The last two variations (Var. 4 and 5) introduce small notes which constantly divide the bar into 27 beats, which is uncommon in music.

==Critical commentary==
The work is one of the most famous compositions of the composer's "late period" and is widely performed and recorded. The pianist Robert Taub has called it "a work of unmatched drama and transcendence ... the triumph of order over chaos, of optimism over anguish." John Lill sees Beethoven's struggle that permeates the first movement as physically challenging pianists performing this work; even in the opening of the sonata, for instance, there is a downward leap of a seventh in the left hand – Beethoven is making his pianists physically struggle to reach the notes. Alfred Brendel commented of the second movement that "what is to be expressed here is distilled experience" and "perhaps nowhere else in piano literature does mystical experience feel so immediately close at hand".

When allegedly asked by Anton Schindler (a notoriously unreliable source) why the work has only two movements (this was unusual for a classical sonata but not unique among Beethoven's works for piano), the composer is said to have replied "I didn't have the time to write a third movement." However, according to Robert Greenberg, this may have just as easily been the composer's prickly personality shining through, since the balance between the two movements is such that it obviates the need for a third. Jeremy Denk points out that Beethoven "whittles away everything down to the absolute difference of the two movements", "an Allegro and an Adagio, two opposed poles", and suggests that "as with the greatest Beethoven pieces, the structure itself becomes a message".

==Legacy==
Prokofiev based the structure of his Symphony No. 2 on this sonata. Karol Szymanowski also formally modelled his Symphony No. 2 after Beethoven's sonata.
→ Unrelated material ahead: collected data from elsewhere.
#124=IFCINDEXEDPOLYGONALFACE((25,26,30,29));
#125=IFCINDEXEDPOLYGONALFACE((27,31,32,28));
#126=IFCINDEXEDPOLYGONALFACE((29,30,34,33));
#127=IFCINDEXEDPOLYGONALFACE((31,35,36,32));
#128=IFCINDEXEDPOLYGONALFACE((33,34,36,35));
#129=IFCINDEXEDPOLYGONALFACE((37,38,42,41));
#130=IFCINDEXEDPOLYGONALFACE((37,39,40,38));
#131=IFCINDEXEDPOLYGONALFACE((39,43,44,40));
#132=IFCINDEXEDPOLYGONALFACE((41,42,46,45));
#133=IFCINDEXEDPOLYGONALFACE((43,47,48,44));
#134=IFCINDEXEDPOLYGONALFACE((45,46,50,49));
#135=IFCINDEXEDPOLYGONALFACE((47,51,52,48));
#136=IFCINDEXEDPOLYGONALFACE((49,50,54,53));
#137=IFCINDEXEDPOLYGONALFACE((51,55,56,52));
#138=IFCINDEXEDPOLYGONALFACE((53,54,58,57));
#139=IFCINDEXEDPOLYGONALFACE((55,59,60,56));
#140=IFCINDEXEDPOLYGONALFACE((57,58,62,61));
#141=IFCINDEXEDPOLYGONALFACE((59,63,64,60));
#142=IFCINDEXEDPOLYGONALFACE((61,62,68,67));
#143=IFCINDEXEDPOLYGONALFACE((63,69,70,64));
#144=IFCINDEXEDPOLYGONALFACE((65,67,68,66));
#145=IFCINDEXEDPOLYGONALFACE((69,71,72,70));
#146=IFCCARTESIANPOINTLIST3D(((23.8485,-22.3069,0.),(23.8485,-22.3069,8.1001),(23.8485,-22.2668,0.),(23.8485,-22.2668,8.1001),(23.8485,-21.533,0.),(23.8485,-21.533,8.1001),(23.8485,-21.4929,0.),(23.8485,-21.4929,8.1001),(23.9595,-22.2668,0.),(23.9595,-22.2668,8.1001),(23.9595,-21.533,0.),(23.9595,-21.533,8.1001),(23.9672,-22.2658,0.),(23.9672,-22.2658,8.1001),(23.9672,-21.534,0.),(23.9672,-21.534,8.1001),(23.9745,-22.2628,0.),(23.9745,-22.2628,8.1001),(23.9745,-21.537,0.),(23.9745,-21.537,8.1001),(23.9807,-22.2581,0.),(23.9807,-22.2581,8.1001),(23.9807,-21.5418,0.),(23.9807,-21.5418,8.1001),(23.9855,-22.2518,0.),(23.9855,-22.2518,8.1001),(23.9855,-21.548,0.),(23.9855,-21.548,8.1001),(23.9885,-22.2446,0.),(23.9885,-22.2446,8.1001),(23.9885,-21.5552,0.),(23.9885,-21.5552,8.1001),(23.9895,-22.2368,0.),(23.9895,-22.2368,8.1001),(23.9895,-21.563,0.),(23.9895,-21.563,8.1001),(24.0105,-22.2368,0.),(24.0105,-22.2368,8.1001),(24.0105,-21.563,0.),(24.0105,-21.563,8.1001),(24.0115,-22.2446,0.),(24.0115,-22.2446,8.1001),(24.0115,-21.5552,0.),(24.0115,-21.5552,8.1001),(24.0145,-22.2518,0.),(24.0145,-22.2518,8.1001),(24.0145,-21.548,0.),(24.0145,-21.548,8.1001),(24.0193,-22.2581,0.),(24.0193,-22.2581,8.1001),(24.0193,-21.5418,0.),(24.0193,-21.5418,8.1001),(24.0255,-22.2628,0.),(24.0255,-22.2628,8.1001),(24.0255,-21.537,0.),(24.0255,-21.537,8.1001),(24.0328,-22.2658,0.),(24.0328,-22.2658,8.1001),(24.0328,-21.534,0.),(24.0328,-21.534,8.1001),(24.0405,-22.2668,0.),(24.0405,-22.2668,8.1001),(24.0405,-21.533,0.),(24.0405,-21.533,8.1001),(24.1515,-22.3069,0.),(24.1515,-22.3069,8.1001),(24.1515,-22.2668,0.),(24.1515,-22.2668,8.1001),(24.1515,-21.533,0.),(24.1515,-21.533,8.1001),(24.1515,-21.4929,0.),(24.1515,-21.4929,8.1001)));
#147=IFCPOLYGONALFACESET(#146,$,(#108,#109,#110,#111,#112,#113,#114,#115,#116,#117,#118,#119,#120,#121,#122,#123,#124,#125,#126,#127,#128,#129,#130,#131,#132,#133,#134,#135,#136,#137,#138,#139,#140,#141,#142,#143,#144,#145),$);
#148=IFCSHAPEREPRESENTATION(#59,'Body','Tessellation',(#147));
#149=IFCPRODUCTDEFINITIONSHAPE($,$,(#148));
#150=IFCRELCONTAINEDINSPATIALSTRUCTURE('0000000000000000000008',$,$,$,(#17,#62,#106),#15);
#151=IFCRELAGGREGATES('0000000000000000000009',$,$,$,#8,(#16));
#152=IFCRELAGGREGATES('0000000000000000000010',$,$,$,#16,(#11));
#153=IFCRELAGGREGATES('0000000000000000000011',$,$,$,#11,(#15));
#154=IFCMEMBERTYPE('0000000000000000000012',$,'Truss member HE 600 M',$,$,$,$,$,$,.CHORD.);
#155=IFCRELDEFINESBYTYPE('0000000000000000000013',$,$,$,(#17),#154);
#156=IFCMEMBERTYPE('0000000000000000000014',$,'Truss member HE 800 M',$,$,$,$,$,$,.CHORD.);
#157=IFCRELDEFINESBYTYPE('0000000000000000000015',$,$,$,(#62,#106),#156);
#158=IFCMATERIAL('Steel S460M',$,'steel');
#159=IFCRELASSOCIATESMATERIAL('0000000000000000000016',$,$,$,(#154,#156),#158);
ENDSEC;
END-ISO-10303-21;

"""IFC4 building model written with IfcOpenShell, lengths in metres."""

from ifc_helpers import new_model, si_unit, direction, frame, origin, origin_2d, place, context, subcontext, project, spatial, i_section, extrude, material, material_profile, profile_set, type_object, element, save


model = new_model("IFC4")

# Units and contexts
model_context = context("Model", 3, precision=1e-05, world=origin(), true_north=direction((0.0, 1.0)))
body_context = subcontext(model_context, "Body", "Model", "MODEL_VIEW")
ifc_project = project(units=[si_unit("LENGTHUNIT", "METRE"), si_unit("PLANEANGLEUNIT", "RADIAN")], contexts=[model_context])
In 2009, the Italian composer Lorenzo Ferrero wrote a composition for piano solo entitled Op. 111 – Bagatella su Beethoven, which is a blend of themes from this sonata and Dmitri Shostakovich's musical monogram DSCH.

The work is referenced in chapter 8 of Thomas Mann's novel Doktor Faustus. Wendell Kretschmar, the town organist and music teacher, delivers a lecture on the sonata to a bemused audience, in the fictional town of Kaisersaschern on the Saale, playing the piece on an old piano while declaiming his lecture over the music:

He sat on his revolving stool,... and in a few words brought to an end his lecture on why Beethoven had not written a third movement to Op. 111. We had only needed, he said, to hear the piece to answer the question ourselves. A third movement? A new approach? A return after this parting – impossible! It had happened that the sonata had come, in the second, enormous movement, to an end, an end without any return. And when he said 'the sonata', he meant not only this one in C minor, but the sonata in general, as a species, as traditional art-form; it itself was here at an end, brought to its end, it had fulfilled its destiny, resolved itself, it took leave – the gesture of farewell of the D G G motif, consoled by the C-sharp, was a leave-taking in this sense too, great as the whole piece itself, the farewell of the sonata form.

In his technical musical excurses, Mann borrowed extensively from Theodor Adorno's Philosophy of New Music (and Adorno indeed played this particular opus for Mann), to the extent that some critics consider Adorno as the novel's tacit co-author. The influence is particularly strong in the passages outlining Kretschmar's lectures.